BAck from the dead.

The heading is not a typo. The saga of our return from BArcelona on BA bears telling if only as a lesson to others not to listen to the voice of authority.

We checked in at the airport in good time. We had had a very pleasant stay in Barcelona. We thoroughly recommend the Casa Camper as a hotel. Now though we had to negotiate a very tight transfer at Heathrow. When we reached the lounge the problems started. Delay! Not good on a flight connection of just over 90 minutes. Still, BA’s man on the spot, Juan, was helpful. He explained what might happen and the contingencies. We could expect someone to meet us off the plane and try to rush us to the gate for our HK flight. We did not have to change terminals.

In the end the delay was over half an hour and we calculated we had max 45 minutes to change planes. Still doable but maybe not for the luggage. On our flight to LHR the Purser was possibly the most unhelpful person I have ever encountered on a flight. She started by telling us three things I already knew.

The connection was tight.
Heathrow is a very big airport.
Heathrow is a very busy airport.

So big and busy in fact that there would be nobody to help us make the connection. Shortly afterwards she happily told us that the news was not good, even though she seemed pleased. We had already been taken off the flight. No chance to make the change over. We would not be accepted on the flight. I asked if by chance our onward flight might be delayed. No she retorted. It will leave on time. Had she checked? I know what my guess is.
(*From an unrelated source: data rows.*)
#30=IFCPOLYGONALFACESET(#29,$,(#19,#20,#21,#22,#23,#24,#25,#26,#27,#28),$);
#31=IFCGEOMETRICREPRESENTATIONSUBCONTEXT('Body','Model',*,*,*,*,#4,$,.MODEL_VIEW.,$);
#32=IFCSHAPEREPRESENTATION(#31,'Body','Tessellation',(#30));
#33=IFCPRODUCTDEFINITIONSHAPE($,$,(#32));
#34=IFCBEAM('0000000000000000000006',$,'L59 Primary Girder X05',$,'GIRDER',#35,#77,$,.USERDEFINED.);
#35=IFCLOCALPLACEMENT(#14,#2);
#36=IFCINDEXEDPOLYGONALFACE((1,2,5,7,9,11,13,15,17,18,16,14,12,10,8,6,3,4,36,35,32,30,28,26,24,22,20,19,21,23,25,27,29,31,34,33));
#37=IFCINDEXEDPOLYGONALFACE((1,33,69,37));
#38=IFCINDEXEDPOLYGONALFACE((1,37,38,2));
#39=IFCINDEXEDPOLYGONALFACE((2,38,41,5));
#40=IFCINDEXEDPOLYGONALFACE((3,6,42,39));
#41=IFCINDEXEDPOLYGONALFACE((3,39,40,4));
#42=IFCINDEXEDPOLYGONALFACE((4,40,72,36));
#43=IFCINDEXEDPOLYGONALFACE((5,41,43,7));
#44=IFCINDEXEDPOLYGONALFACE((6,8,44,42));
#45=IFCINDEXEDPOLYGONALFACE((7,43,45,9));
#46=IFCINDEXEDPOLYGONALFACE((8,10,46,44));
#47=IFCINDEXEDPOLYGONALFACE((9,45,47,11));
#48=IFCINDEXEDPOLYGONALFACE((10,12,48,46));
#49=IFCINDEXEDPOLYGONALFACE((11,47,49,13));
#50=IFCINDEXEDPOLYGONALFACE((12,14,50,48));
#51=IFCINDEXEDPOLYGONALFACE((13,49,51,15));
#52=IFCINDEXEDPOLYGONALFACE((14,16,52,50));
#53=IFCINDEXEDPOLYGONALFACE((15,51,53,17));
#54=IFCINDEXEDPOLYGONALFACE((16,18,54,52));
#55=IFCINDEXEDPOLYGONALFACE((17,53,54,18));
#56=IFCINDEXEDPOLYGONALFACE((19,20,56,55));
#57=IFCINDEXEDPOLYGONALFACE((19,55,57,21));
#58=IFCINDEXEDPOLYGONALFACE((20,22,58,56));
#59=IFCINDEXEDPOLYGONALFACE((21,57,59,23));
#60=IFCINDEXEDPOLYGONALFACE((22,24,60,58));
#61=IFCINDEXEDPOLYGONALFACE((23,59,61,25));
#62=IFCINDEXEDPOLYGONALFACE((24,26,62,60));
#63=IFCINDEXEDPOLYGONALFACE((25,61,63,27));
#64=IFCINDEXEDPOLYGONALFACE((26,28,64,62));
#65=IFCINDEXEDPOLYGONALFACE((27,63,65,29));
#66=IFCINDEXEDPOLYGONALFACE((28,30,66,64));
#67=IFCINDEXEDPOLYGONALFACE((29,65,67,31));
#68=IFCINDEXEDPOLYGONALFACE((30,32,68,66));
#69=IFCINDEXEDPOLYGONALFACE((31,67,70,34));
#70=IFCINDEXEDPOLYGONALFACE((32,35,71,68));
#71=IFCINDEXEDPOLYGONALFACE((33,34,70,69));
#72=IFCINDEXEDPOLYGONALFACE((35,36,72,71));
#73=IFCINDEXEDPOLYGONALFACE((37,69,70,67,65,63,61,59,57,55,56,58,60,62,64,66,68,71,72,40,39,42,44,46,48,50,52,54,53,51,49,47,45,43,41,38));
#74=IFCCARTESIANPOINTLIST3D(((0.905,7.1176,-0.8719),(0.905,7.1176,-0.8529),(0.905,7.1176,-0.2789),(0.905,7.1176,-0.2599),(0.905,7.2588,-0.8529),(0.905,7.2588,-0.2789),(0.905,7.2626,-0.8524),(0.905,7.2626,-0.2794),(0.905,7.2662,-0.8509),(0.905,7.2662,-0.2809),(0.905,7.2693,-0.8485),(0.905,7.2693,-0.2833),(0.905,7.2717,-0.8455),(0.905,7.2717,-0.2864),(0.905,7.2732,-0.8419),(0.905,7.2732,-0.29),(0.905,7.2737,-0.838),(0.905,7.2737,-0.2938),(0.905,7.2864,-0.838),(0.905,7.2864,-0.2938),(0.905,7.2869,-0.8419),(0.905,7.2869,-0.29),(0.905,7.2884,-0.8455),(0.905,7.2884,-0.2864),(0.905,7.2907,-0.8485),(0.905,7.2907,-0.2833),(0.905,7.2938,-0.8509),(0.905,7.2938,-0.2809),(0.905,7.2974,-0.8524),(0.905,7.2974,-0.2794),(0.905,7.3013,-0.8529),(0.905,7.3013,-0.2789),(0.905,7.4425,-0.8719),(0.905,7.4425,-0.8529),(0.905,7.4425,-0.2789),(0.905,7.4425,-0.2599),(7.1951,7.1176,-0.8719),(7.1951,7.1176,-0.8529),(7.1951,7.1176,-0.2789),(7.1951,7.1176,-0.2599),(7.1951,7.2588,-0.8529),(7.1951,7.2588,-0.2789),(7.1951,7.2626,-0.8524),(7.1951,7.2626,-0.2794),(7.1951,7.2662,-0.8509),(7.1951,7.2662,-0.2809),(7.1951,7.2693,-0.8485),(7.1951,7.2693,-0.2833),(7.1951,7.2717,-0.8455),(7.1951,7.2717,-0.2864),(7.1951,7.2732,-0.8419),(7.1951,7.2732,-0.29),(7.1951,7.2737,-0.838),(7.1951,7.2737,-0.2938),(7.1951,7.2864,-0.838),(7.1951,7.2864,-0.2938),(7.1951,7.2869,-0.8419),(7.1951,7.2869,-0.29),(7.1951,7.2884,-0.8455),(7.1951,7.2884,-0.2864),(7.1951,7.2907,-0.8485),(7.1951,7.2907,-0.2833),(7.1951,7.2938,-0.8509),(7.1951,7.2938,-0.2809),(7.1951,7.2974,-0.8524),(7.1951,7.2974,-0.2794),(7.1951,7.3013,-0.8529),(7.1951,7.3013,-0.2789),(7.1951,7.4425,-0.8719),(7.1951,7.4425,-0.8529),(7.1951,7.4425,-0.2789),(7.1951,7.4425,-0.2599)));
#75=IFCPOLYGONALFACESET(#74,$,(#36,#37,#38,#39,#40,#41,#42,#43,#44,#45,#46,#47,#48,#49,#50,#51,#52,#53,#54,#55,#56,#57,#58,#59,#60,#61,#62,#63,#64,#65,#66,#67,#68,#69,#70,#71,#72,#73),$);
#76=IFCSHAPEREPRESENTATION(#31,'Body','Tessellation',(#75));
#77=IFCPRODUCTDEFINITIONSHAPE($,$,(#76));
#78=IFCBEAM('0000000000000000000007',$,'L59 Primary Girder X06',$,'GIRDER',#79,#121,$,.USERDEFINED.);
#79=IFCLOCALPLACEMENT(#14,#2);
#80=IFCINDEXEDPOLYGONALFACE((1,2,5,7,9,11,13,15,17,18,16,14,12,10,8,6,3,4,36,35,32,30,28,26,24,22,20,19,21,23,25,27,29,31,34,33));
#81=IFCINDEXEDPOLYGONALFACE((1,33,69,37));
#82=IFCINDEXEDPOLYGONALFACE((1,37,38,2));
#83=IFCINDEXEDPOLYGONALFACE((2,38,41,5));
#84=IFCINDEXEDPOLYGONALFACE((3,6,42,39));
After I pushed again she told me that we would have to circle in the stack over Heathrow and she estimated we would have max 10 minutes to change. Not possible. Go straight to Zone E. Do not pass Go. Do not collect Β£200 or your luggage. A few minutes later the pilot announced we had clearance from ATC for a direct approach and would land in 20 minutes. So I calculated (again) about 35-40 minutes to make our connection. We were willing to rush. A rare offer from us.

The witch from hell Purser calmly explained that we had been offloaded like a bit of luggage and would not be accepted on the flight. Implicitly the attitude was “stop bothering me with your problem you piece of garbage”.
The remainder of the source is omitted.